13.3.4. Algunas conclusiones e incertidumbres

Tal y como expusimos al comienzo de este libro (cfr. capítulos 1 y 3), el idealismo
vino marcado en sus orígenes por la admiración ante la Revolución francesa, que
apareció como un acontecimiento sin igual en el que la razón, por primera vez en la
historia, abarcaba toda la tierra y la tomaba a su cargo, reconciliando a Dios con la
naturaleza. Era una forma de retomar el viejo programa platónico de que la razón
gobernara el mundo. Pero el proyecto pertenece de derecho a eso que llamamos
Ilustración y no al Idealismo. Éste, por su parte, pensando en unas condiciones en las
que lo teórico no iba acompañado de ninguna revolución capaz de remover las entrañas
del planeta, surgió más bien de la hipóstasis alemana de esta exigencia, realizándola en
un aquí y un ahora capaz de condensar todos los esfuerzos de la historia en un absoluto,
de modo que la historia misma en su conjunto –a través de una especie de ʺdispositivo
Jesúsʺ o de nueva encarnación– se convertía en la facticidad de la razón. En verdad, el
impulso jacobino se había enfrentado a una realidad mucho más compleja que ese
milagro especulativo, siempre consciente de que la razón no podía tomar a su cargo el
mundo más a que través de una dictadura educativa que, por un camino u otro y en un
complejo juego de instancias dispuestas en clave de oposición real, siempre acababa
instaurando alguna suerte de Terror.
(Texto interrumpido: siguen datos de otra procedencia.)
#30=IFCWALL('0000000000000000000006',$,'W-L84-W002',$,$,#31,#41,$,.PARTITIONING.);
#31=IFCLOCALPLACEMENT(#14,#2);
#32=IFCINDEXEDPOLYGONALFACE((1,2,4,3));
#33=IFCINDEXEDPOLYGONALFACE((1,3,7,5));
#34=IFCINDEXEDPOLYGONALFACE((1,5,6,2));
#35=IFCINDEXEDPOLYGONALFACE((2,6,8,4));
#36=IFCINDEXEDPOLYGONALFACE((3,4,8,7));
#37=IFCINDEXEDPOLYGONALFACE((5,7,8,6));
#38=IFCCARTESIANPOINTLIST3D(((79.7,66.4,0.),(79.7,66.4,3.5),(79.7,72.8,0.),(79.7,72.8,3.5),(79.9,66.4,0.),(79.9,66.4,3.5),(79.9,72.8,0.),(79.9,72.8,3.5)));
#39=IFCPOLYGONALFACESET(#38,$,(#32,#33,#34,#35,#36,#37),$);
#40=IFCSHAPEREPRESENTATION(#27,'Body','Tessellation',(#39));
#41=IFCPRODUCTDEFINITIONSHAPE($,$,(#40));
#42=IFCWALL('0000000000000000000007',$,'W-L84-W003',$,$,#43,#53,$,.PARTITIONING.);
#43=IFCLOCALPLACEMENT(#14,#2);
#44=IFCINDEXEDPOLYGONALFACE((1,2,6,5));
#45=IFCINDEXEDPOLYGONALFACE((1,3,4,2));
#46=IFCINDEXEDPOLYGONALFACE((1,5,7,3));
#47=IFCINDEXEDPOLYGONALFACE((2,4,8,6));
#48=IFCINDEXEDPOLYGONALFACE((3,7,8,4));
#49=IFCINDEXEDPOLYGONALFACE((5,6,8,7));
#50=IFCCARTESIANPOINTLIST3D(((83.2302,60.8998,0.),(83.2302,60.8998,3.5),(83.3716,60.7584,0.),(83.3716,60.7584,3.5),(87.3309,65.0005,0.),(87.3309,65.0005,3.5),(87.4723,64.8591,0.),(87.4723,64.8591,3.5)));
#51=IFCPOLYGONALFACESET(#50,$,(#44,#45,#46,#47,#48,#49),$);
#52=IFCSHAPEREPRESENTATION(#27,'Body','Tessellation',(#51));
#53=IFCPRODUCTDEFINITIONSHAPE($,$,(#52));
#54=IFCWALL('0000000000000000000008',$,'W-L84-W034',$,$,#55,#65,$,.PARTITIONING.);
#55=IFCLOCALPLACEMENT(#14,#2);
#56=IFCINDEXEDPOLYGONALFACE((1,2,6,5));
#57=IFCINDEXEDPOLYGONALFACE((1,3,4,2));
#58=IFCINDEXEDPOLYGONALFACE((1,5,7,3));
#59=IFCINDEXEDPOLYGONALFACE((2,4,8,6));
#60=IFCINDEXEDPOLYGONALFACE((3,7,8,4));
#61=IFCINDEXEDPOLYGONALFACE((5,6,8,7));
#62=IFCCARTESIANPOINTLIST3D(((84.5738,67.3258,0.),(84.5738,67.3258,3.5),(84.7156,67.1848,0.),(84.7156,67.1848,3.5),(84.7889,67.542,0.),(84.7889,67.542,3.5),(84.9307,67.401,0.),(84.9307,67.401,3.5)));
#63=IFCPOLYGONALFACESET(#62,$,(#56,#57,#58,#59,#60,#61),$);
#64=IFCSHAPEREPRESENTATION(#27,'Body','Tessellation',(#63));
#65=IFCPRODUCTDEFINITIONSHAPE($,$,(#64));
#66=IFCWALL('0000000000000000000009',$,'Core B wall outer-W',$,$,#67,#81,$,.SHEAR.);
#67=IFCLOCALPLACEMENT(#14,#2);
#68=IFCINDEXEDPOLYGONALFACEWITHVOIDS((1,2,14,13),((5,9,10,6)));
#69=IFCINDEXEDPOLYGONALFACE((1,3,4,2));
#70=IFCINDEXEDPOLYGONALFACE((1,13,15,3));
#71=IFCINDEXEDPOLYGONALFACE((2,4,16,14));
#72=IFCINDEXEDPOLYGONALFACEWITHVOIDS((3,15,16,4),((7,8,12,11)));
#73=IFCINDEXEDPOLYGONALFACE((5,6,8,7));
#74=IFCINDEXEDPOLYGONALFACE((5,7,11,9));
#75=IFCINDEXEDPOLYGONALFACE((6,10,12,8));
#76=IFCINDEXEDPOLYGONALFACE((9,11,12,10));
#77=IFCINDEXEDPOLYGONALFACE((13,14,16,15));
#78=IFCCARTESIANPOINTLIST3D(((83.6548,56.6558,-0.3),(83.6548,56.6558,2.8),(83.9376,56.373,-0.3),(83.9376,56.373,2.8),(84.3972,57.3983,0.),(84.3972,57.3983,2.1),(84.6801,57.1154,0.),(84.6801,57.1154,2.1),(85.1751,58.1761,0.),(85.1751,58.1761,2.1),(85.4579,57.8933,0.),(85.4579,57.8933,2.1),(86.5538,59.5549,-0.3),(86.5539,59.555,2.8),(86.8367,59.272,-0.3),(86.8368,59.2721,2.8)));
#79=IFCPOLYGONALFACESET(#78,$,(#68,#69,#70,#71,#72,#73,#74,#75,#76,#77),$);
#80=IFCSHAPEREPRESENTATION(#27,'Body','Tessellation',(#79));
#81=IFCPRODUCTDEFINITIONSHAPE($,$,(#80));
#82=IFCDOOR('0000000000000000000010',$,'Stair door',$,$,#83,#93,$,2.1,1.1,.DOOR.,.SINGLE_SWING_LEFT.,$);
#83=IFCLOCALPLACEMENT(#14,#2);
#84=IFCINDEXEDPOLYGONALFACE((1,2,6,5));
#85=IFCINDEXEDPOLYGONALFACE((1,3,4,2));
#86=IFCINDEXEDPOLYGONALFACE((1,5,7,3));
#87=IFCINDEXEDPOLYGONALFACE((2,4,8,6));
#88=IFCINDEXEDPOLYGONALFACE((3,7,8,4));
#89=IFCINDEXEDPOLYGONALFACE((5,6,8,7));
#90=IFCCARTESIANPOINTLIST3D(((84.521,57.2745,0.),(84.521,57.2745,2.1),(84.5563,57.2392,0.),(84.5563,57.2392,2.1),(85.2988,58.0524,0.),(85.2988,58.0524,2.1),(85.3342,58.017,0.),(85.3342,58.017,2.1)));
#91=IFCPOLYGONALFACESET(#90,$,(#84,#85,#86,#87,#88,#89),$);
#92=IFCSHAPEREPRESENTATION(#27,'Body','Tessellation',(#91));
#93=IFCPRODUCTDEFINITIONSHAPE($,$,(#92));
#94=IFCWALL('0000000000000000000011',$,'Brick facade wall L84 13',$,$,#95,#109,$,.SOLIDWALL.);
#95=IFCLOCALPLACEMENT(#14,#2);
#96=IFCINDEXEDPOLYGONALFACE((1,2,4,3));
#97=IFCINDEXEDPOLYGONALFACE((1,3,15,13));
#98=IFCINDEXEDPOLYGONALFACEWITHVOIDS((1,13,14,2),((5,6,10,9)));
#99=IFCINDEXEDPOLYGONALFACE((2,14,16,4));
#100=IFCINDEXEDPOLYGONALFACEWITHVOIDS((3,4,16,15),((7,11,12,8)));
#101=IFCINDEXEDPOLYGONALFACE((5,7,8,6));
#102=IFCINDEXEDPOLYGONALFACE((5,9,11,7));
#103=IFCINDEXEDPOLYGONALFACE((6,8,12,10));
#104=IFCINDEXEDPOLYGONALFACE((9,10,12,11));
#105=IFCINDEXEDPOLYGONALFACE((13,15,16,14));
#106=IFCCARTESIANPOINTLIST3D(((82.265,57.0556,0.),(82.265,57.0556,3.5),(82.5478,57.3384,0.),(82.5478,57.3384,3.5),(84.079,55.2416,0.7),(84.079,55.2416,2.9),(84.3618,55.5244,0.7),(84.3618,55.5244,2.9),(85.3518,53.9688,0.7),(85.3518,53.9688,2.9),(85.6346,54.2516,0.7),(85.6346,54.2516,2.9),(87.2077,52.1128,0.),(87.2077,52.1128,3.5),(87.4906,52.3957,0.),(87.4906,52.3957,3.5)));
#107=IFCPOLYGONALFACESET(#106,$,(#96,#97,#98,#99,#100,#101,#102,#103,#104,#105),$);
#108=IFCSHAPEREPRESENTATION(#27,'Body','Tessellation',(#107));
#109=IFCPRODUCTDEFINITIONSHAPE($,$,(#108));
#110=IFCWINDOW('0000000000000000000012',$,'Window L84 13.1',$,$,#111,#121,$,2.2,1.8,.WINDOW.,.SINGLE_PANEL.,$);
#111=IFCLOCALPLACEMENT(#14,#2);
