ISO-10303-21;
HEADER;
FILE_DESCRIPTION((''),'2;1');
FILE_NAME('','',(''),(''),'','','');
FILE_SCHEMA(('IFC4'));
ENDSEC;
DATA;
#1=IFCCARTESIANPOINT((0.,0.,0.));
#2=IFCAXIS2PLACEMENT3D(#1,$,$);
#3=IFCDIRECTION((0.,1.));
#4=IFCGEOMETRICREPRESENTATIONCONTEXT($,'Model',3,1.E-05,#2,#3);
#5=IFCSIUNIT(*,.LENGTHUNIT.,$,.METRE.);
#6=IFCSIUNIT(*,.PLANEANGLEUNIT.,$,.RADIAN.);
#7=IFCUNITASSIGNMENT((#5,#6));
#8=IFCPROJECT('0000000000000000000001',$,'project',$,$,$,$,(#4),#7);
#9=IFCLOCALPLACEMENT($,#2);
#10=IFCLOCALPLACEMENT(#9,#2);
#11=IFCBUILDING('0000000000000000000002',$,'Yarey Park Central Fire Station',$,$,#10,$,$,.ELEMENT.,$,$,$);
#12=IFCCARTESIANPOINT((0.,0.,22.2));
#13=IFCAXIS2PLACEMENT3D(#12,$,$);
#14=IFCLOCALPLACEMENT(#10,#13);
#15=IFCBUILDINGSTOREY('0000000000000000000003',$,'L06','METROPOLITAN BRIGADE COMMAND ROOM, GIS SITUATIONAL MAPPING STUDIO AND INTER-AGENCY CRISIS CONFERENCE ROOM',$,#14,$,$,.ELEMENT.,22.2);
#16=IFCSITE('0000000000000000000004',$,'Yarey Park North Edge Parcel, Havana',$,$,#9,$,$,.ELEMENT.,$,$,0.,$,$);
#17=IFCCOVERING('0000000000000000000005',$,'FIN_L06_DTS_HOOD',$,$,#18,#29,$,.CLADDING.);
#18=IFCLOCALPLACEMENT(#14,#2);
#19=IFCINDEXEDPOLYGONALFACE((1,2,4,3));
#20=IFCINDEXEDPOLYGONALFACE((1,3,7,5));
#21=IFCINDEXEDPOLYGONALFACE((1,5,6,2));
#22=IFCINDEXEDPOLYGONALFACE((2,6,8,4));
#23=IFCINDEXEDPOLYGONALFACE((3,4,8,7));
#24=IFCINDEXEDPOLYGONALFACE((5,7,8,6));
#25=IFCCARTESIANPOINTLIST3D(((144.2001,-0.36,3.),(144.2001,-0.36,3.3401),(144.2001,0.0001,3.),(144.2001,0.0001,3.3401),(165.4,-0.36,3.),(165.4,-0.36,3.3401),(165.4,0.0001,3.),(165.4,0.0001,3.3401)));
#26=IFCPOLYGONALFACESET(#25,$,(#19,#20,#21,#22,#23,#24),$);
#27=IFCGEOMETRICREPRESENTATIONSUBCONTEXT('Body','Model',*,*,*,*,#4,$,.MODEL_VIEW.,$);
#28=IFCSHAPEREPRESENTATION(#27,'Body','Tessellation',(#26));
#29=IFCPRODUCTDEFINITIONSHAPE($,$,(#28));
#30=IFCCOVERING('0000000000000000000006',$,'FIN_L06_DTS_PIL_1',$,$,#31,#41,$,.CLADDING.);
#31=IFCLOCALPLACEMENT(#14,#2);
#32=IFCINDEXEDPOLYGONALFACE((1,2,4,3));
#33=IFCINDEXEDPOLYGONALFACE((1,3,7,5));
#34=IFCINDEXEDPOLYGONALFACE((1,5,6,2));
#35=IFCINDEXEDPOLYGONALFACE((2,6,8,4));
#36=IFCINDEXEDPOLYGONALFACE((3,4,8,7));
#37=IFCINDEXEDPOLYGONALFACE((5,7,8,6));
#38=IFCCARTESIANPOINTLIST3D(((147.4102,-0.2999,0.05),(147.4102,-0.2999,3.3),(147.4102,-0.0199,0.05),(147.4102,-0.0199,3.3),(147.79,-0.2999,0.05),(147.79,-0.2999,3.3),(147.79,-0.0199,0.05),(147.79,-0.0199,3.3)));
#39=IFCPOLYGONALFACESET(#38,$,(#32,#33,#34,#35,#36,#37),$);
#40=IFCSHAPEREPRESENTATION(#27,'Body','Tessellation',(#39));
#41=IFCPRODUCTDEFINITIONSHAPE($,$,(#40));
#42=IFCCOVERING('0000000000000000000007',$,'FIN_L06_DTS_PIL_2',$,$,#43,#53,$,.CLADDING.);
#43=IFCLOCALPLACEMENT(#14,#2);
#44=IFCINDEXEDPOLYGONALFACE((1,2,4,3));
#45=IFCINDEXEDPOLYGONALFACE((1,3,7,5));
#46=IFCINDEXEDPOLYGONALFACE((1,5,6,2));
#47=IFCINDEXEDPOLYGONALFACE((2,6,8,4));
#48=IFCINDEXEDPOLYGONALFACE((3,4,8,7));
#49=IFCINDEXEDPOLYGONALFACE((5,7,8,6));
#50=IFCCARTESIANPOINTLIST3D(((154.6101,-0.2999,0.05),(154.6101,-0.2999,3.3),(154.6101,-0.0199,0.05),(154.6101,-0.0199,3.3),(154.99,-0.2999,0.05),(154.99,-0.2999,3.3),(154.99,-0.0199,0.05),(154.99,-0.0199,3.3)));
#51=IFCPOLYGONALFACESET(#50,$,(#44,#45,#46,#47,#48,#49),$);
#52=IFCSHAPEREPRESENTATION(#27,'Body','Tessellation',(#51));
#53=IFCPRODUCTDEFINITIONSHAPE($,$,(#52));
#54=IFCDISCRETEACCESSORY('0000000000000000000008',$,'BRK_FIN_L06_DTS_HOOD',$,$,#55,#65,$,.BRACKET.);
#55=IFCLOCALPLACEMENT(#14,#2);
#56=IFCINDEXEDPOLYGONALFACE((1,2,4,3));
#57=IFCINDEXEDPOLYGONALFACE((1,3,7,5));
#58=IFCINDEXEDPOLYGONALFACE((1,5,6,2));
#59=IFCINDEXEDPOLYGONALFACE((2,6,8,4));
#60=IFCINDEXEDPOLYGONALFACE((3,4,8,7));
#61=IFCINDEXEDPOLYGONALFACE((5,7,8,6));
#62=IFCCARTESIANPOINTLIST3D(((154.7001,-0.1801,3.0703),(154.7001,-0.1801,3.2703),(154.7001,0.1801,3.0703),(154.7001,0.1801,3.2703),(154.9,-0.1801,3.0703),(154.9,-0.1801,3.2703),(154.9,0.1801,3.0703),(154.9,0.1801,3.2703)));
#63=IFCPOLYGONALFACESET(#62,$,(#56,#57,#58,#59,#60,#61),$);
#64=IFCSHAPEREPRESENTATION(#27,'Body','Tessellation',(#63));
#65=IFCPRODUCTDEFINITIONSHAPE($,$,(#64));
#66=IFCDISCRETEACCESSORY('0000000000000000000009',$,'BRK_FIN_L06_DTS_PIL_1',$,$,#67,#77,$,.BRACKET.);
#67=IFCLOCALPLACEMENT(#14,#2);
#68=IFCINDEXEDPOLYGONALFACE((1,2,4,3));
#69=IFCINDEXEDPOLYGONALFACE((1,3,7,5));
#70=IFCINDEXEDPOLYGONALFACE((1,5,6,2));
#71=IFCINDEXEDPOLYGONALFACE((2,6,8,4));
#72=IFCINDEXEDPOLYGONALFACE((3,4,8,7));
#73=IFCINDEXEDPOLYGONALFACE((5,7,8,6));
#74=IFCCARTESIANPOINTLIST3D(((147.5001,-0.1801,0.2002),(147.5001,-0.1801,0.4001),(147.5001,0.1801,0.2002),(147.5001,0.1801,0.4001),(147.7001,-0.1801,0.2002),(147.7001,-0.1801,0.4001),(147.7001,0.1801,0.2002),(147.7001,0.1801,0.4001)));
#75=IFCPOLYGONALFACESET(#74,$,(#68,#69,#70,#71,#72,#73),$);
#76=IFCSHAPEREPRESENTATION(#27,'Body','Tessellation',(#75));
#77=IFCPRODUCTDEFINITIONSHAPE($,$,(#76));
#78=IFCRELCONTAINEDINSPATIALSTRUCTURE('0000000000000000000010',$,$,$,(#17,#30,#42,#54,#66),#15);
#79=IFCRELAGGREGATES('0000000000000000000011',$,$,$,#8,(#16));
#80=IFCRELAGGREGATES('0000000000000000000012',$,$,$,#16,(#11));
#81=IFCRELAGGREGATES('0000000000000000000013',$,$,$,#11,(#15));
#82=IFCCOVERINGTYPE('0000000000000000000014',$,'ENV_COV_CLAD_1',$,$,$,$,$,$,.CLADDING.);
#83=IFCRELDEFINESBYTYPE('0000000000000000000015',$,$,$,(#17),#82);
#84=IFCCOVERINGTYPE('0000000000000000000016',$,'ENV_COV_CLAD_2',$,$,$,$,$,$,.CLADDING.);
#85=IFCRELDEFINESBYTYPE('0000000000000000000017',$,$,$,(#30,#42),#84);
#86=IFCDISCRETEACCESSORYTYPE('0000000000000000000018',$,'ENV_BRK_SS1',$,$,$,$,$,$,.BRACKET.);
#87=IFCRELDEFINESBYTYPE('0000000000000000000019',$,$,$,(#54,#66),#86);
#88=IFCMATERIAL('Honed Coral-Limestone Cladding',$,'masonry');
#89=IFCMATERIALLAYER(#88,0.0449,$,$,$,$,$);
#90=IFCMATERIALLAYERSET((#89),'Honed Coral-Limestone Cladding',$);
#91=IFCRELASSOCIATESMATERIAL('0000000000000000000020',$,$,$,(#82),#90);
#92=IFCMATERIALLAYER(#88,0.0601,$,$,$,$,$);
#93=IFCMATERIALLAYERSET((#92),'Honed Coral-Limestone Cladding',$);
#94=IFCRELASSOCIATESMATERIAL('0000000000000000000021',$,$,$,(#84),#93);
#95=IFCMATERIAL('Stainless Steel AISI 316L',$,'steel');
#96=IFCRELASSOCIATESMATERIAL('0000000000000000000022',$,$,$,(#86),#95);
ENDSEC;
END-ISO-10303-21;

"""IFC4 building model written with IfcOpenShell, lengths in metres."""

from ifc_helpers import new_model, si_unit, direction, frame, origin, origin_2d, place, context, subcontext, project, spatial, rectangle, extrude, material, layer, layer_set, type_object, element, save


model = new_model("IFC4")

# Units and contexts
model_context = context("Model", 3, precision=1e-05, world=origin(), true_north=direction((0.0, 1.0)))
body_context = subcontext(model_context, "Body", "Model", "MODEL_VIEW")
ifc_project = project(units=[si_unit("LENGTHUNIT", "METRE"), si_unit("PLANEANGLEUNIT", "RADIAN")], contexts=[model_context])

# Site, building, storey
site_placement = place(None, origin())
site = spatial("IfcSite", under=ifc_project, at=site_placement, Name="Yarey Park North Edge Parcel, Havana", CompositionType="ELEMENT", RefElevation=0.0)
building_placement = place(site_placement, origin())
building = spatial("IfcBuilding", under=site, at=building_placement, Name="Yarey Park Central Fire Station", CompositionType="ELEMENT")
storey_placement = place(building_placement, frame((0.0, 0.0, 22.2)))
storey = spatial("IfcBuildingStorey", under=building, at=storey_placement, Name="L06", Description="METROPOLITAN BRIGADE COMMAND ROOM, GIS SITUATIONAL MAPPING STUDIO AND INTER-AGENCY CRISIS CONFERENCE ROOM", CompositionType="ELEMENT", Elevation=22.2)

# Coverings
ifc_material_1 = material(Name="Honed Coral-Limestone Cladding", Category="masonry")
ifc_layer_1 = layer(ifc_material_1, 0.0449)
ifc_layer_set_1 = layer_set([ifc_layer_1], Name="Honed Coral-Limestone Cladding")
covering_type_1 = type_object("IfcCoveringType", Name="ENV_COV_CLAD_1", PredefinedType="CLADDING", material=ifc_layer_set_1)
covering_placement = place(storey_placement, frame((154.8, -0.1799, 3.0), z_axis=(0.0, 0.0, 1.0), x_axis=(1.0, 0.0, 0.0)))
element("IfcCovering", 1, at=covering_placement, inside=storey, type_object=covering_type_1, Name="FIN_L06_DTS_HOOD", PredefinedType="CLADDING", context=body_context, shape_type="SweptSolid", body=[
    extrude(rectangle(XDim=21.2, YDim=0.3601, at=origin_2d()), origin(), (0.0, 0.0, 1.0), 0.3401),
])
ifc_layer_2 = layer(ifc_material_1, 0.0601)
ifc_layer_set_2 = layer_set([ifc_layer_2], Name="Honed Coral-Limestone Cladding")
covering_type_2 = type_object("IfcCoveringType", Name="ENV_COV_CLAD_2", PredefinedType="CLADDING", material=ifc_layer_set_2)
for number, where, z_axis, x_axis, name in (
    (2, (147.6001, -0.1599, 0.05), (0.0, 0.0, 1.0), (1.0, 0.0, 0.0), "FIN_L06_DTS_PIL_1"),
    (3, (154.8, -0.1599, 0.05), (0.0, 0.0, 1.0), (1.0, 0.0, 0.0), "FIN_L06_DTS_PIL_2"),
):
    element("IfcCovering", number, at=place(storey_placement, frame(where, z_axis=z_axis, x_axis=x_axis)), inside=storey, type_object=covering_type_2, Name=name, PredefinedType="CLADDING", context=body_context, shape_type="SweptSolid", body=[
        extrude(rectangle(XDim=0.3799, YDim=0.28, at=origin_2d()), origin(), (0.0, 0.0, 1.0), 3.25),
    ])

# Shared definitions
ifc_material_2 = material(Name="Stainless Steel AISI 316L", Category="steel")

# Discrete accessories
discrete_accessory_type = type_object("IfcDiscreteAccessoryType", Name="ENV_BRK_SS1", PredefinedType="BRACKET", material=ifc_material_2)
for number, where, z_axis, x_axis, name in (
    (4, (154.8, 0.0, 3.0703), (0.0, 0.0, 1.0), (1.0, 0.0, 0.0), "BRK_FIN_L06_DTS_HOOD"),
    (5, (147.6001, 0.0, 0.2002), (0.0, 0.0, 1.0), (1.0, 0.0, 0.0), "BRK_FIN_L06_DTS_PIL_1"),
):
    element("IfcDiscreteAccessory", number, at=place(storey_placement, frame(where, z_axis=z_axis, x_axis=x_axis)), inside=storey, type_object=discrete_accessory_type, Name=name, PredefinedType="BRACKET", context=body_context, shape_type="SweptSolid", body=[
        extrude(rectangle(XDim=0.2, YDim=0.3601, at=origin_2d()), origin(), (0.0, 0.0, 1.0), 0.2),
    ])

save(model, "model.ifc")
La herencia genuina de este jacobinismo empeñado
en otorgar a la razón –y en consecuencia al espacio político– el derecho a gobernar, ha
quedado desconcertantemente materializada en nuestro siglo en la pavorosa dictadura
educativa maoísta, en el proyecto trotskista de militarizar el trabajo y, consecuentemente,
cualquier flujo social, o en la propia realidad del stalinismo, en la que un totalitarismo
policial se encargó del mismo cometido, instituyéndose en garantía de cumplimiento de la
planificación económica y social decidida por la instancia política.
Esta herencia tenebrosa del impulso ilustrado no puede eclipsar el hecho de que la

285
herencia práctica del impulso idealista tampoco ha seguido caminos menos inquietantes.
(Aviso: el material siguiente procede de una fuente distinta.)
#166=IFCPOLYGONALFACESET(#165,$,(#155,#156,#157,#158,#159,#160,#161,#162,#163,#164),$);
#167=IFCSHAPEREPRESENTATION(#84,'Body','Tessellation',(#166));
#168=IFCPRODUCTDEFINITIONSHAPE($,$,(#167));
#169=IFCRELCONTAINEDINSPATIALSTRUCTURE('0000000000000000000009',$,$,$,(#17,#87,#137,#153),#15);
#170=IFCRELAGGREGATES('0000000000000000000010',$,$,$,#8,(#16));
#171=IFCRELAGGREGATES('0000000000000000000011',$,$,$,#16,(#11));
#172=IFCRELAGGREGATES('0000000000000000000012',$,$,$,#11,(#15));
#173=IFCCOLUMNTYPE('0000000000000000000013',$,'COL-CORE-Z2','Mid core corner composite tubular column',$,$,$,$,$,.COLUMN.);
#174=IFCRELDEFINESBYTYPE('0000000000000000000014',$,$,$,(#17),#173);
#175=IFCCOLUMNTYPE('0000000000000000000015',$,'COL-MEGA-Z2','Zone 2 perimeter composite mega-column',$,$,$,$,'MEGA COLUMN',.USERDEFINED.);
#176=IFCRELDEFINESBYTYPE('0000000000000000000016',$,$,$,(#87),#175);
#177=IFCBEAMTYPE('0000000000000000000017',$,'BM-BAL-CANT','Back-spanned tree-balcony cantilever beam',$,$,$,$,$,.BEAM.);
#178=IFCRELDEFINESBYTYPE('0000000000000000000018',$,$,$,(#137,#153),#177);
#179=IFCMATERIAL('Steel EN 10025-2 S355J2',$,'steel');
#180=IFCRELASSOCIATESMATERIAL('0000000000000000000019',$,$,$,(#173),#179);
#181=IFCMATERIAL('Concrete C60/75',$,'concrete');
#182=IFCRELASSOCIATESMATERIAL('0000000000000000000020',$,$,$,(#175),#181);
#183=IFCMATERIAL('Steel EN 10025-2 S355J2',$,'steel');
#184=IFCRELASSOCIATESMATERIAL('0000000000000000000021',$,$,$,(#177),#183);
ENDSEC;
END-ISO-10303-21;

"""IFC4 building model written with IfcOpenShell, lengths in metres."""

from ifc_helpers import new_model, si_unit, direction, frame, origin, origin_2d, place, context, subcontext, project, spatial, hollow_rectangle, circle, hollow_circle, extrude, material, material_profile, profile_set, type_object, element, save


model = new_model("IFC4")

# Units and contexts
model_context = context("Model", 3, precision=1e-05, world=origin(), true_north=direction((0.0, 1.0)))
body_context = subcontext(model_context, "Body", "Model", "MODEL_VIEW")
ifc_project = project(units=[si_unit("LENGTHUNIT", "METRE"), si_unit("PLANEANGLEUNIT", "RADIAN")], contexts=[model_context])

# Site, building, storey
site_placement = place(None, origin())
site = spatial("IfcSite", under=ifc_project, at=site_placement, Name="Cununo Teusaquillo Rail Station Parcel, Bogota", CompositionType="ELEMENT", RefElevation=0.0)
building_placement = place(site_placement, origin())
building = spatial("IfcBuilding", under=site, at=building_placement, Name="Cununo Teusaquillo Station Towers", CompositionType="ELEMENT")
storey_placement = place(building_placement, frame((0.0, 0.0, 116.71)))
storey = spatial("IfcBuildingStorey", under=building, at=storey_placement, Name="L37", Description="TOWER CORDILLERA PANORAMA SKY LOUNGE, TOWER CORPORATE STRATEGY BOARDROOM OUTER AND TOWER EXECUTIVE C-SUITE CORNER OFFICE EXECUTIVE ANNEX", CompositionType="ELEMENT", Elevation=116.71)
Las exigencias de la razón práctica obligan a sentar unas condiciones en las que el
espacio político pueda tener eficacia sobre lo social y lo económico. Pero si el
jacobinismo ilustrado jamás ha dejado de enfrentarse a ese problema, generando todo
tipo de aberraciones históricas inéditas, la pretensión de ver encarnadas las exigencias de
la razón mediante una mitología racional o una razón mitológica acabaron por
desembocar –haciendo así de Heine un verdadero profeta– en la revolución nacional‐
socialista, sustituyendo el terror por el exterminio y viniendo a demostrar que, para una
humanidad decidida a gobernar, soñar no ha sido más inofensivo que actuar. Una vez
que la razón ha adquirido realidad en forma de mitología, el mito acaba por ser más
importante que la propia razón; y puesto que la razón se había encarnado, esta vez, en
algo universal los enemigos del mito no aparecían como meros opositores políticos, sino
como carne inexplicablemente sobrante de la totalidad y destinada a ser aniquilada en
tanto que enemiga de la humanidad.
Este último punto es el que no puede dejar de inquietarnos a la hora de juzgar
nuestros estados democráticos, pues la matriz de nuestra conciencia política sigue mucho
más los pasos desdichados del idealismo que los del jacobinismo. Si se ha apartado de
éste no ha sido por haber construido una habitación racional en la que otorgar a lo
político la eficacia para gobernar en el marco de esas leyes que el socialismo real ignoró y
que el nazismo y el fascismo decidieron anular, sino porque ha descubierto que, en
determinadas condiciones y recintos privilegiados, los sueños de la razón –aunque sigan
hundiendo sus raíces en un inconsciente basura en el que aún agoniza la mayor parte del
planeta– ya no necesitan del recurso al terror: la impotencia de las leyes para gobernar es
casi imperceptible ahí donde el mundo que debe ser gobernado no las viola demasiado.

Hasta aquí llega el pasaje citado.